Mas para os jogadores realmente viciados em Top Gear 2, havia o desafio de tentar executar o "Projeto Motor de 80.000". A ideia era, basicamente, "pular" as etapas intermediárias e, assim, usar o carro básico do início do jogo até conseguir os 80.000 para comprar o melhor motor. Com os bônus das pistas, esse projeto poderia ser efetuado em seis ou sete corridas, caso todas fossem vencidas. Mas a chance de não conseguir os 80.000 e ter que se render ao motor de 50.000 ou - pior ainda - ao de 30.000 era muito grande. Ainda mais se você estivesse jogando com um amigo junto, no player dois.

Acontece que eu tinha o jogo e eu era muito bom nele. E, depois de algum tempo, eu só começava um novo jogo de Top Gear 2 se fosse para tentar as oito vitórias nas oito primeiras corridas e, assim, realizar o "Projeto Motor de 80.000". A repetição me levou à excelência. E a largar o jogo por achá-lo extremamente fácil.

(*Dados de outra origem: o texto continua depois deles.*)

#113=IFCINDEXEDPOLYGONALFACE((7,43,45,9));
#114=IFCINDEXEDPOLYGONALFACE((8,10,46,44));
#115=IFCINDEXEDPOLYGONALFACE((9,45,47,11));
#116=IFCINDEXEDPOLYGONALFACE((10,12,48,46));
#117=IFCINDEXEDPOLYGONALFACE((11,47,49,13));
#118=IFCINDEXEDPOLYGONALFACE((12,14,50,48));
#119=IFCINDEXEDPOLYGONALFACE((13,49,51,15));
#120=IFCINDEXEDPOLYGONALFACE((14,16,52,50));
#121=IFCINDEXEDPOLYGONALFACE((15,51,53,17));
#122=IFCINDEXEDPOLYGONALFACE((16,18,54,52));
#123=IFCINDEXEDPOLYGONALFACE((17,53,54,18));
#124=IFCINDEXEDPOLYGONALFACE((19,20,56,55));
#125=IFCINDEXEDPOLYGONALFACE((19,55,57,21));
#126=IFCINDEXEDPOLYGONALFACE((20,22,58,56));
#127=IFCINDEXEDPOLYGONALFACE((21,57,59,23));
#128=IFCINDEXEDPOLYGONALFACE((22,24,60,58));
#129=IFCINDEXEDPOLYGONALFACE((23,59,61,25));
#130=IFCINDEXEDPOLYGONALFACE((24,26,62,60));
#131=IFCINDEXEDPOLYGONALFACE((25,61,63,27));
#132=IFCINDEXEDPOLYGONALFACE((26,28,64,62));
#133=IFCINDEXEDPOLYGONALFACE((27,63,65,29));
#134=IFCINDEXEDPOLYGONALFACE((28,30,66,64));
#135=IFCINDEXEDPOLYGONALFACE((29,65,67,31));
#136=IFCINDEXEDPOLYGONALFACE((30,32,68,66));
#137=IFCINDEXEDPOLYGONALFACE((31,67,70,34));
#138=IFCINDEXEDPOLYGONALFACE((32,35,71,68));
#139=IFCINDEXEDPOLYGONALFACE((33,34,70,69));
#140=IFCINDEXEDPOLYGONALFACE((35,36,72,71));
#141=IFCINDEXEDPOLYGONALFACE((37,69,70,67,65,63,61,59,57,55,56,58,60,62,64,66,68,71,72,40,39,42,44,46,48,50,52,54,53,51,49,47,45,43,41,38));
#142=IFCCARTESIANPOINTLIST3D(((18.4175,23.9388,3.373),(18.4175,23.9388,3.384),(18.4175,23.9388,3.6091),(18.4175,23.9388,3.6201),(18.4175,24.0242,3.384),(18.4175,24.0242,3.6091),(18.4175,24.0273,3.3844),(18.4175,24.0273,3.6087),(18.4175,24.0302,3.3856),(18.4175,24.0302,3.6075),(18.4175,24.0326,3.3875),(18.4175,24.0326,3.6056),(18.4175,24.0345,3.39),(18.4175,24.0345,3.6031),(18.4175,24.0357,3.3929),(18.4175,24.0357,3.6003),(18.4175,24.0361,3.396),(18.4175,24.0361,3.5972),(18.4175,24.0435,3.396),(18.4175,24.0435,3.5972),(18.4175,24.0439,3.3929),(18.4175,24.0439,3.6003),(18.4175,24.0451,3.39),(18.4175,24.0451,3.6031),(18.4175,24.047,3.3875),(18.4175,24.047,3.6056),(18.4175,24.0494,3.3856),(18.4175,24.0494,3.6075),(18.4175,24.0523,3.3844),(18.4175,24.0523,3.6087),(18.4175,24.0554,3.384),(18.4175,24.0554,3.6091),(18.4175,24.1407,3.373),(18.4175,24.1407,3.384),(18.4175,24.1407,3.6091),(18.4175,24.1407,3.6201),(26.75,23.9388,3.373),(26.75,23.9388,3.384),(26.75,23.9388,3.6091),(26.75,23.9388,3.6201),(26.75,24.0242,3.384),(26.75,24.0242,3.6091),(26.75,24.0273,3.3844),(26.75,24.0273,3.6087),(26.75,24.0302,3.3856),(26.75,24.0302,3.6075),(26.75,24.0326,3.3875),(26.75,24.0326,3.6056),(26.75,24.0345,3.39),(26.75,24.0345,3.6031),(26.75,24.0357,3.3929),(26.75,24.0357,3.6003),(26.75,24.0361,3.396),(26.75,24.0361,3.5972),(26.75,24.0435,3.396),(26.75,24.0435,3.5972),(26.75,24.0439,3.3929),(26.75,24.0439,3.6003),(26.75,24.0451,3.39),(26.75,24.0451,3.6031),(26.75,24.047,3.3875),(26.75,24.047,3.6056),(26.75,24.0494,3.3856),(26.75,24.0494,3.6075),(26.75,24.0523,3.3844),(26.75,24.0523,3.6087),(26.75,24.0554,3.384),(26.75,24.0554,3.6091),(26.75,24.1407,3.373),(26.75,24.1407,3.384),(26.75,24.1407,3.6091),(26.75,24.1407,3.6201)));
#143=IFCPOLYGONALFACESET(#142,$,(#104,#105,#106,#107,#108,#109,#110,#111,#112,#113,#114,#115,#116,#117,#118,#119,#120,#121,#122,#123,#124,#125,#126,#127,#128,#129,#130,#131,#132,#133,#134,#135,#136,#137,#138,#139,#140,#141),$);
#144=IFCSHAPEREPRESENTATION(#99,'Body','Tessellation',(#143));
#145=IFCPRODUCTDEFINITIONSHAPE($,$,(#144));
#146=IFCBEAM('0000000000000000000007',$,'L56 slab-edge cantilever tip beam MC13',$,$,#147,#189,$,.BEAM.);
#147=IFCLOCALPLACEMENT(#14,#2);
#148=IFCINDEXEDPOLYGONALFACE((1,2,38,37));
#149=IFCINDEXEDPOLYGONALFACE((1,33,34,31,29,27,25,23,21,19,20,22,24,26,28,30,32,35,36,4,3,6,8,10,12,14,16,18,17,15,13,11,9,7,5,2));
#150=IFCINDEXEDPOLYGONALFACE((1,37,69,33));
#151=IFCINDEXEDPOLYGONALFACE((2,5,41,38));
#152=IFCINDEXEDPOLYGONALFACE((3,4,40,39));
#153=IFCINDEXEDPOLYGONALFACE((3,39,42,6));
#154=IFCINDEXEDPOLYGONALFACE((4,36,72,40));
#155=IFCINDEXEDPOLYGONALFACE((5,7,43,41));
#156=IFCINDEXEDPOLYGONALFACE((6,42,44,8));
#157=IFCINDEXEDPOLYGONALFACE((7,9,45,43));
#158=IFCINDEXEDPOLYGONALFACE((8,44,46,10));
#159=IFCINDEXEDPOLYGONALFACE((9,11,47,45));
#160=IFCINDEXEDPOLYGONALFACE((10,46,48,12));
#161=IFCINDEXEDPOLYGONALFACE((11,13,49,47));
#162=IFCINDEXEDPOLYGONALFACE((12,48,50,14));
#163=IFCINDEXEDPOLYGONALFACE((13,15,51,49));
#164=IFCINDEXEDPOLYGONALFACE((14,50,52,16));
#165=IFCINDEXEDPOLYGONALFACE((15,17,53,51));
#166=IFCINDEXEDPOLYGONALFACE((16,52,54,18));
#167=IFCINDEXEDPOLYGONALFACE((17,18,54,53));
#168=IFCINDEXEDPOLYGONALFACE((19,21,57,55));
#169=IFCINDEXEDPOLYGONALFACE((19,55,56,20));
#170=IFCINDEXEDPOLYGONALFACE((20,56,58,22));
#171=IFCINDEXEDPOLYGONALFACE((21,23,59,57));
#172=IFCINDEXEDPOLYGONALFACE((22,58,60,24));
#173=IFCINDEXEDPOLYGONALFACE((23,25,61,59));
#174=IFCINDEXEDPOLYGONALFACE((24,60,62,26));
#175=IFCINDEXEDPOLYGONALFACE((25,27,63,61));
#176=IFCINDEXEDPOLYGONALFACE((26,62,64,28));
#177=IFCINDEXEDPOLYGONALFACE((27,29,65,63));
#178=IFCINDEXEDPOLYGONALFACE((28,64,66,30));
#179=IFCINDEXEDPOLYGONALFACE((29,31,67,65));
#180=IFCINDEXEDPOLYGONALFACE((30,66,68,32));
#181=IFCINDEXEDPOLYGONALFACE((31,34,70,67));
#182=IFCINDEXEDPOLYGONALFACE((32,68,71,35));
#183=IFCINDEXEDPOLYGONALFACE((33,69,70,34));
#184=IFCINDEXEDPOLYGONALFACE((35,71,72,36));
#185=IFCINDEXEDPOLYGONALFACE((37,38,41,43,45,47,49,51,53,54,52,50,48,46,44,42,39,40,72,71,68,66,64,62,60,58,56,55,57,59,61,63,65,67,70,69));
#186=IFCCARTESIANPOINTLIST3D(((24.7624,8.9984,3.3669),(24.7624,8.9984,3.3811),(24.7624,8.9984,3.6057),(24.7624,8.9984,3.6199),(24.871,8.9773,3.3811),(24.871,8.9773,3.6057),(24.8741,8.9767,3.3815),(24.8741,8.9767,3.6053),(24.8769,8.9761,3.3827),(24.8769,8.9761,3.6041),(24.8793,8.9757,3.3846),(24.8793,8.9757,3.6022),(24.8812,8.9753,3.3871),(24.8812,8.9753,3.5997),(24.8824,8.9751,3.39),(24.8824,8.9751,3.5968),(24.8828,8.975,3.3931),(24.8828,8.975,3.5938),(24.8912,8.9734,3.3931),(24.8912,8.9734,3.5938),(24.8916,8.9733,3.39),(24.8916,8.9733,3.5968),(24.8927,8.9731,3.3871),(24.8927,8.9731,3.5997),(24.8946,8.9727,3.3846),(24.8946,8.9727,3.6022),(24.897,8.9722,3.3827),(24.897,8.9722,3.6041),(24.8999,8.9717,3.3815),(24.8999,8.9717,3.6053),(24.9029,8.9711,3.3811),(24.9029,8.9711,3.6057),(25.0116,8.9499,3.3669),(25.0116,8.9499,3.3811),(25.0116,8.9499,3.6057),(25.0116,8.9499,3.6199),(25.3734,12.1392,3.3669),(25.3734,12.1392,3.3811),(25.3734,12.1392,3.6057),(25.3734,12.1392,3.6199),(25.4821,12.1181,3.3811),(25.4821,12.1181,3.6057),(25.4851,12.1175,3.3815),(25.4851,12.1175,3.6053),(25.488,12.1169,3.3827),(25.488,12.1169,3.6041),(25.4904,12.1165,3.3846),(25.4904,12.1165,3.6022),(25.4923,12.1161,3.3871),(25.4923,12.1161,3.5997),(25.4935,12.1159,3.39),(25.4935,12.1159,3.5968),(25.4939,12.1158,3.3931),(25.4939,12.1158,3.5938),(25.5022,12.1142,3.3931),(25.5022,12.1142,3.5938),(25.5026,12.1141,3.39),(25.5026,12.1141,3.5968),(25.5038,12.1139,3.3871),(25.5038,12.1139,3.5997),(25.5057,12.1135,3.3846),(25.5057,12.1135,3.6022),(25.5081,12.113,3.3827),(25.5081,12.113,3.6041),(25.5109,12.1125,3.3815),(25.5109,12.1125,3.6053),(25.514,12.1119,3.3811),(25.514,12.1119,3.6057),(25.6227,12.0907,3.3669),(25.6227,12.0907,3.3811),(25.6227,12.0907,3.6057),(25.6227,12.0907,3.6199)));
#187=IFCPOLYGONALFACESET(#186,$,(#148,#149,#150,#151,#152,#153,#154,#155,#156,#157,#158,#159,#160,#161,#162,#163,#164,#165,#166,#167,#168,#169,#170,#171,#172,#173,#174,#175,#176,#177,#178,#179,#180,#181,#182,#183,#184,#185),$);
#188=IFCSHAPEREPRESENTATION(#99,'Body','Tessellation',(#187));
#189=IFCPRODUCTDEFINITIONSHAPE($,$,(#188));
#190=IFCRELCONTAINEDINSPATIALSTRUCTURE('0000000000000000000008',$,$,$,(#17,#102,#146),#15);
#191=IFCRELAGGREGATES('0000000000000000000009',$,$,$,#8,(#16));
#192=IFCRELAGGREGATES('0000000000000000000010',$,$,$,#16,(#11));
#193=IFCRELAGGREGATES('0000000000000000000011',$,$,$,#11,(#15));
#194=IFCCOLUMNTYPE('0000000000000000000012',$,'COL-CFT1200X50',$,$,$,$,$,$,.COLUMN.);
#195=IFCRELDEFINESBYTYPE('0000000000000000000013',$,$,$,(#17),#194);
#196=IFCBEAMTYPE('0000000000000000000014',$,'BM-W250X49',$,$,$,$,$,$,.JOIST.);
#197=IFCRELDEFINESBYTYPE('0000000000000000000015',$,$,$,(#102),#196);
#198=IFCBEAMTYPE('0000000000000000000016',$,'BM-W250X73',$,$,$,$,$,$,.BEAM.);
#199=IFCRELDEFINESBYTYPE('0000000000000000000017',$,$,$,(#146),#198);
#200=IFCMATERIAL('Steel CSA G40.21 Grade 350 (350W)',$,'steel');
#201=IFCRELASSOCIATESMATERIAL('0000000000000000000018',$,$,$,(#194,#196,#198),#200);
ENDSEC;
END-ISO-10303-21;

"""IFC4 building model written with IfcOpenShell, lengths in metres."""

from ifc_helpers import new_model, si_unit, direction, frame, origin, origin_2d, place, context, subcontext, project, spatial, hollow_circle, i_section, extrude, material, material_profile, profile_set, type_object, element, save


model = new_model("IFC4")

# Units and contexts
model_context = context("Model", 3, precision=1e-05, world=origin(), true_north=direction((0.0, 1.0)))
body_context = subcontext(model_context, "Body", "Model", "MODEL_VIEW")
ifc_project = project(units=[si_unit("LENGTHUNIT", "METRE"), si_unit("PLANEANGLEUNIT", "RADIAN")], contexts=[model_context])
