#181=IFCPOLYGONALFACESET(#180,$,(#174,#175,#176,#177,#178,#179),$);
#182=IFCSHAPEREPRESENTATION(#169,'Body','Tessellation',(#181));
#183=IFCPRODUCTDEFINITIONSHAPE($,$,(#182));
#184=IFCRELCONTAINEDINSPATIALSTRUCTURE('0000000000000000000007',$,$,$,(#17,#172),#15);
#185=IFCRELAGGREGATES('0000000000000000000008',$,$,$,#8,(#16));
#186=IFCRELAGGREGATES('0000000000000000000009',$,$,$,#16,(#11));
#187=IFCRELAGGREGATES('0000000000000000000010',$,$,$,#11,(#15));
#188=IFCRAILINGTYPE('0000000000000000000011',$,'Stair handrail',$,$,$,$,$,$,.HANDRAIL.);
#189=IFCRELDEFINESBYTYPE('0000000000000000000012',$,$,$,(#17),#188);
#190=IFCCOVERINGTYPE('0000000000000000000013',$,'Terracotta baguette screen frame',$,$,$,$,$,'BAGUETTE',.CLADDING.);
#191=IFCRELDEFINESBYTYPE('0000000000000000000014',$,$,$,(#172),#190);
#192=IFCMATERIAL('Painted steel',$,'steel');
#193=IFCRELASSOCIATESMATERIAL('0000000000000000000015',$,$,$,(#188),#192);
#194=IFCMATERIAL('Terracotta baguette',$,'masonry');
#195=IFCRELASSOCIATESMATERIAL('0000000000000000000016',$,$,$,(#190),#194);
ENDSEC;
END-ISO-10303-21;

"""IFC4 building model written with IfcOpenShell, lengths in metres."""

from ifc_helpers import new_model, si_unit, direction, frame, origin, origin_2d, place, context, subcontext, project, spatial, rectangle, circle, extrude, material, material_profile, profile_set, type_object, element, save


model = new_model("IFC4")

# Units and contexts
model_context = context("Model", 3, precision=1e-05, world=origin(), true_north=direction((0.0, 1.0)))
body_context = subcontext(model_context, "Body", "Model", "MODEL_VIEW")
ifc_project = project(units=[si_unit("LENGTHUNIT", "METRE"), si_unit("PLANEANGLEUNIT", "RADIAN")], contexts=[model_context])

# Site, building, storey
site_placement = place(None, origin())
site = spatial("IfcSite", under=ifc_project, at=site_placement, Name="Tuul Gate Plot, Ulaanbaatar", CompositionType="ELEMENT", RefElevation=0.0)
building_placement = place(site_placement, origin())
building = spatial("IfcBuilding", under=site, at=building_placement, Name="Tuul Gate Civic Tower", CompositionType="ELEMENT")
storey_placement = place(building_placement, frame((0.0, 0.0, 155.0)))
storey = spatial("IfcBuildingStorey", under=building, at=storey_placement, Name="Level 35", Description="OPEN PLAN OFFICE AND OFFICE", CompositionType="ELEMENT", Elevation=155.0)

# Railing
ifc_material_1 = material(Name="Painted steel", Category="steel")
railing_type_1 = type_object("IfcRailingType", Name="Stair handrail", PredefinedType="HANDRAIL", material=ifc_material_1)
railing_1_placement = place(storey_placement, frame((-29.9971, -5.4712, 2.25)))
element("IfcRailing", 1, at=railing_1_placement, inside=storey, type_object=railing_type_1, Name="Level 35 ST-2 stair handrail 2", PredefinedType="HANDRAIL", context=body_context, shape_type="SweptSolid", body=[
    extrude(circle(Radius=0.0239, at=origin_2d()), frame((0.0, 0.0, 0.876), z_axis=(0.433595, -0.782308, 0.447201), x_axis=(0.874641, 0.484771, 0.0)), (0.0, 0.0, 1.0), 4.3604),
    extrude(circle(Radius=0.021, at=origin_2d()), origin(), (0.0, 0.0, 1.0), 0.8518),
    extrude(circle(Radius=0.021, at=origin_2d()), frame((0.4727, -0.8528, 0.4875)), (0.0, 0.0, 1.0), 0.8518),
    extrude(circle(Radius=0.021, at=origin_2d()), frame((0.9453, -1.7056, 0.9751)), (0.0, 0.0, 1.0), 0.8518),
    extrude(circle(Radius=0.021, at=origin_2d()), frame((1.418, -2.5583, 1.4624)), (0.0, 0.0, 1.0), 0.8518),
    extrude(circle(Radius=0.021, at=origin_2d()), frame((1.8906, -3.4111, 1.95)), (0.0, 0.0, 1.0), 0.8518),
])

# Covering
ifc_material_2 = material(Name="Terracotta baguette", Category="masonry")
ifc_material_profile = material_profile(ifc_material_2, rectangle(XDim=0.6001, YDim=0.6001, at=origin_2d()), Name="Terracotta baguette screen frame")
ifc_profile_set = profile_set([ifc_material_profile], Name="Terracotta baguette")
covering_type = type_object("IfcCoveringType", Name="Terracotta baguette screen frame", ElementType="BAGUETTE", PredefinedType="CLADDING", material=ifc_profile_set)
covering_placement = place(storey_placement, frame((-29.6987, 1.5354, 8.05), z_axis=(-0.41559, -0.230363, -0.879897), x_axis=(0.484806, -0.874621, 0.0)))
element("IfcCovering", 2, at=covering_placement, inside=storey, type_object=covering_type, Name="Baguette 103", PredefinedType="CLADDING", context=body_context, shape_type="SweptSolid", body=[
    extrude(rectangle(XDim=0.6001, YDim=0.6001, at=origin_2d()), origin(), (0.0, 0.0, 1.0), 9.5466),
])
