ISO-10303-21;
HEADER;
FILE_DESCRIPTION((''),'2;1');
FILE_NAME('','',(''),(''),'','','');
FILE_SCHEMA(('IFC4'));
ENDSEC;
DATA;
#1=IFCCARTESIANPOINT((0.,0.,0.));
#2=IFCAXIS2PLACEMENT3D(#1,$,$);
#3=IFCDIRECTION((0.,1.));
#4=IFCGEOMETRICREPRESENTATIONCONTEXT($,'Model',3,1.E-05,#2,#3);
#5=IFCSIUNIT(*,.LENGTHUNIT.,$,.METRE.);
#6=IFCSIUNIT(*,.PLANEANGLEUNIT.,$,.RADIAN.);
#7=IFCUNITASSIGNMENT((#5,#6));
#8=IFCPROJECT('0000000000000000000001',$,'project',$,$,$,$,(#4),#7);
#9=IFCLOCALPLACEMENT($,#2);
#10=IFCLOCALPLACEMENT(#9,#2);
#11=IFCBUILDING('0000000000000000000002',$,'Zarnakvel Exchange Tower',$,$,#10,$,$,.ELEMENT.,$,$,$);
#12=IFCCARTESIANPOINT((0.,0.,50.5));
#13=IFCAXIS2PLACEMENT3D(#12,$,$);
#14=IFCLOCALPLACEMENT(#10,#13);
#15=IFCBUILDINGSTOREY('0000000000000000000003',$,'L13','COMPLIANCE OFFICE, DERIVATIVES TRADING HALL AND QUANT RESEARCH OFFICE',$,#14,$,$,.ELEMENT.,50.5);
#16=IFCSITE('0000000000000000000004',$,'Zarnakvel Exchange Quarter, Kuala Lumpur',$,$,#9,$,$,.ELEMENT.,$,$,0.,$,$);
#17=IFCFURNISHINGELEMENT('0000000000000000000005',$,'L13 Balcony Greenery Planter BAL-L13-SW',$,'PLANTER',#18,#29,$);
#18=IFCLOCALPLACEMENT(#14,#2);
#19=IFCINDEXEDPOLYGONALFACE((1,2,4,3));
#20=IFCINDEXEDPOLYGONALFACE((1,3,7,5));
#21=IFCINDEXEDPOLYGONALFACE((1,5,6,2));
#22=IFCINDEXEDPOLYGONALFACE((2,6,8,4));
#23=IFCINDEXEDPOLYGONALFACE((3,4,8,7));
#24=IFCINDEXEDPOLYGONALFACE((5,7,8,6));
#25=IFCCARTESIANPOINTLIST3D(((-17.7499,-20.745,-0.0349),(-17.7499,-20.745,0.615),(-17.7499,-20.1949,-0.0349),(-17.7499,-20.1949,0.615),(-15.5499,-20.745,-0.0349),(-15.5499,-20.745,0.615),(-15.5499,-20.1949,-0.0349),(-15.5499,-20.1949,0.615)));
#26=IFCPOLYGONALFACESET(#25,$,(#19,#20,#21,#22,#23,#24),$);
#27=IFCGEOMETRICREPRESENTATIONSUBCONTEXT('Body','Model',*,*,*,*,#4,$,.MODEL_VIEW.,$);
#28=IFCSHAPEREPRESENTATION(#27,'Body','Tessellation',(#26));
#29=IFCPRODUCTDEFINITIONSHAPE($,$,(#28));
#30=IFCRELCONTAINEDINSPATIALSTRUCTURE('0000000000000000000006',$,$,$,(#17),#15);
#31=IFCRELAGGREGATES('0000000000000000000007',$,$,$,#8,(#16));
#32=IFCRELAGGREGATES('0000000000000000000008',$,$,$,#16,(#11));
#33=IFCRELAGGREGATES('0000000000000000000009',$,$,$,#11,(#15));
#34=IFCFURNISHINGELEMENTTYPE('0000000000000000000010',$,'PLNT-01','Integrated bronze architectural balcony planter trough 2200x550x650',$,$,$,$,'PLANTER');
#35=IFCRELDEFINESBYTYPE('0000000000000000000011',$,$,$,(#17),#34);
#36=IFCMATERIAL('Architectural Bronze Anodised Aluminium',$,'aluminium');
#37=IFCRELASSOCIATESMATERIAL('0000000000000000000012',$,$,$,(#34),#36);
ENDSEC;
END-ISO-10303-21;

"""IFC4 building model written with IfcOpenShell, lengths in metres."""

from ifc_helpers import new_model, si_unit, direction, frame, origin, origin_2d, place, context, subcontext, project, spatial, rectangle, extrude, source, transform, mapped, material, type_object, element, save


model = new_model("IFC4")

# Units and contexts
model_context = context("Model", 3, precision=1e-05, world=origin(), true_north=direction((0.0, 1.0)))
body_context = subcontext(model_context, "Body", "Model", "MODEL_VIEW")
ifc_project = project(units=[si_unit("LENGTHUNIT", "METRE"), si_unit("PLANEANGLEUNIT", "RADIAN")], contexts=[model_context])

# Site, building, storey
site_placement = place(None, origin())
site = spatial("IfcSite", under=ifc_project, at=site_placement, Name="Zarnakvel Exchange Quarter, Kuala Lumpur", CompositionType="ELEMENT", RefElevation=0.0)
building_placement = place(site_placement, origin())
building = spatial("IfcBuilding", under=site, at=building_placement, Name="Zarnakvel Exchange Tower", CompositionType="ELEMENT")
storey_placement = place(building_placement, frame((0.0, 0.0, 50.5)))
storey = spatial("IfcBuildingStorey", under=building, at=storey_placement, Name="L13", Description="COMPLIANCE OFFICE, DERIVATIVES TRADING HALL AND QUANT RESEARCH OFFICE", CompositionType="ELEMENT", Elevation=50.5)

# Shared definitions
ifc_material_1 = material(Name="Architectural Bronze Anodised Aluminium", Category="aluminium")

# Furnishing element
furnishing_element_type = type_object("IfcFurnishingElementType", Name="PLNT-01", Description="Integrated bronze architectural balcony planter trough 2200x550x650", ElementType="PLANTER", material=ifc_material_1)
shared_shape_1 = source(origin(), body_context, "Body", "SweptSolid", [
    extrude(rectangle(XDim=2.2, YDim=0.55, at=origin_2d()), origin(), (0.0, 0.0, 1.0), 0.6499),
])
furnishing_placement = place(storey_placement, frame((-16.6499, -20.47, -0.0349), z_axis=(0.0, 0.0, 1.0), x_axis=(1.0, 0.0, 0.0)))
element("IfcFurnishingElement", 1, at=furnishing_placement, inside=storey, type_object=furnishing_element_type, Name="L13 Balcony Greenery Planter BAL-L13-SW", ObjectType="PLANTER", context=body_context, shape_type="MappedRepresentation", body=[
    mapped(shared_shape_1, transform((0.0, 0.0, 0.0), x_axis=(1.0, 0.0, 0.0), y_axis=(0.0, 1.0, 0.0), z_axis=(0.0, 0.0, 1.0), scale=1.0)),
])

save(model, "model.ifc")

Eu não notei, mas levei esse "Projeto Motor de 80.000" para a minha vida real, desde então. Aliás, só fui notar pouco tempo atrás.

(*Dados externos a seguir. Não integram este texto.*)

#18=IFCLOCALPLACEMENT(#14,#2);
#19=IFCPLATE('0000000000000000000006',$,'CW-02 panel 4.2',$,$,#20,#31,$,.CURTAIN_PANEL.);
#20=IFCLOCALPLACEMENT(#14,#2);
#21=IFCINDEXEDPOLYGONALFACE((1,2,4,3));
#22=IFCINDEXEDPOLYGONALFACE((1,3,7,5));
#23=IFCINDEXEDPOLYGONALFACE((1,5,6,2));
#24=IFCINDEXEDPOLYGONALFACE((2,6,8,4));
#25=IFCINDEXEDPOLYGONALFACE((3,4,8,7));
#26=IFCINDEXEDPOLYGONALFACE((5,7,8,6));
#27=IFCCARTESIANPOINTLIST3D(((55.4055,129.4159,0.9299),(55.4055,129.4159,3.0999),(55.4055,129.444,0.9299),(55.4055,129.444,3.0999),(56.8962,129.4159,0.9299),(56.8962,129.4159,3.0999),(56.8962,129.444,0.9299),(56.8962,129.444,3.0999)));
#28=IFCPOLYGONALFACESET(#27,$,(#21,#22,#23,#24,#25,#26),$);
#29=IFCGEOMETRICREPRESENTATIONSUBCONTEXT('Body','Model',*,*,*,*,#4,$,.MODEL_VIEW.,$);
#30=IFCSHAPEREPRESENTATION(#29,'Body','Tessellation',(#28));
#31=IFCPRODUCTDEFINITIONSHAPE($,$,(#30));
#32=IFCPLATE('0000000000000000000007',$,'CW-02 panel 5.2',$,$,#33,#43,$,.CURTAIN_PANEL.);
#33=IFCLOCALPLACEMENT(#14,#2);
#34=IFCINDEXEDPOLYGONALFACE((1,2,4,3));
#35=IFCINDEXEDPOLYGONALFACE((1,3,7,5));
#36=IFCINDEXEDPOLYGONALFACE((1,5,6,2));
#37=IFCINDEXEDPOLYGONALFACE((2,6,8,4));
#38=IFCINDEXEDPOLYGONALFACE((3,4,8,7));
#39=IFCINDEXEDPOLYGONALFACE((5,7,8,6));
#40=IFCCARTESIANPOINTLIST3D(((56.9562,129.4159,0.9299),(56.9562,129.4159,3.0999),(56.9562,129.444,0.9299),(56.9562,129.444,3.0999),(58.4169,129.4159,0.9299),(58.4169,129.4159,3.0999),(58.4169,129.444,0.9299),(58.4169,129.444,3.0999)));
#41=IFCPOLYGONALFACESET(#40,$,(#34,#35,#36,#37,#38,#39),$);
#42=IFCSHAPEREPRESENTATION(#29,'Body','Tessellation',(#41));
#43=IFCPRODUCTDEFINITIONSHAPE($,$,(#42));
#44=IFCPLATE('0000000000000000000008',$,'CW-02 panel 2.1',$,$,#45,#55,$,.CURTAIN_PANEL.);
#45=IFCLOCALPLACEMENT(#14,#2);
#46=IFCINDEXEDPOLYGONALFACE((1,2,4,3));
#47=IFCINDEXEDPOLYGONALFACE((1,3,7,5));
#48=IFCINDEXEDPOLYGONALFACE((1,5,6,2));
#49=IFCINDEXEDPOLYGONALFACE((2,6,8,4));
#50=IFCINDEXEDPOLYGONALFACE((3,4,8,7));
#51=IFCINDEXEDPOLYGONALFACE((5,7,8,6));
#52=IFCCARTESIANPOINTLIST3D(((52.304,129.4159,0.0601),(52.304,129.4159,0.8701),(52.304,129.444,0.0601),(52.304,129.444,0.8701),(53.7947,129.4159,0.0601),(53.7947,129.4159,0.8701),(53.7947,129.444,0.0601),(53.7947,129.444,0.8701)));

Eu não consigo me contentar com o inferior ou com o intermediário. Preciso recitar um mantra de que "melhor começar de qualquer jeito e arrumar depois, do que não ter nada", para ser um bom profissional. Isso porque eu tento criar, seguir e executar o plano perfeito para tudo, sempre.

Nem penso no inferior, não aceito o intermediário. "Só o cume interessa", se você me permite a cacofonia.

Exemplo?

Eu sou um homem atípico. Eu não pego "qualquer uma". Para mim, ou é A MULHER QUE EU QUERO, ou não é NENHUMA. Sempre fui assim. Eu me valorizo mesmo e estou pouco me lixando para o que você acha.

Mais um exemplo?

Eu não trabalho aonde eu não gosto. E, se eu entro na empresa e descubro que "não é bem assim", eu logo luto para mudá-la para o ideal... ou saio.

Mais um:

Eu não tenho smartPhone. E não é por falta de dinheiro, não. É por não querer o simplório, o fraquinho, o intermediário ou o que está para ser tirado de linha pelo próximo que virá. Eu tenho PAVOR de pensar que vou gastar mais de dois mil reais em um celular que, daqui um mísero ano, já não será mais o melhor.
Porque os celulares com 3G eram os top. Menos de um ano depois, os 3G com tela HD eram os melhores. Menos de um ano depois, os 4G já estão aí no mercado. Para o ano que vem, estão prometendo celulares com telas flexíveis.
Imagine a mim com um celular de dois fucking mil reais nas mãos, sabendo que THIS SHIT não é mais o melhor aparelho do mercado!!!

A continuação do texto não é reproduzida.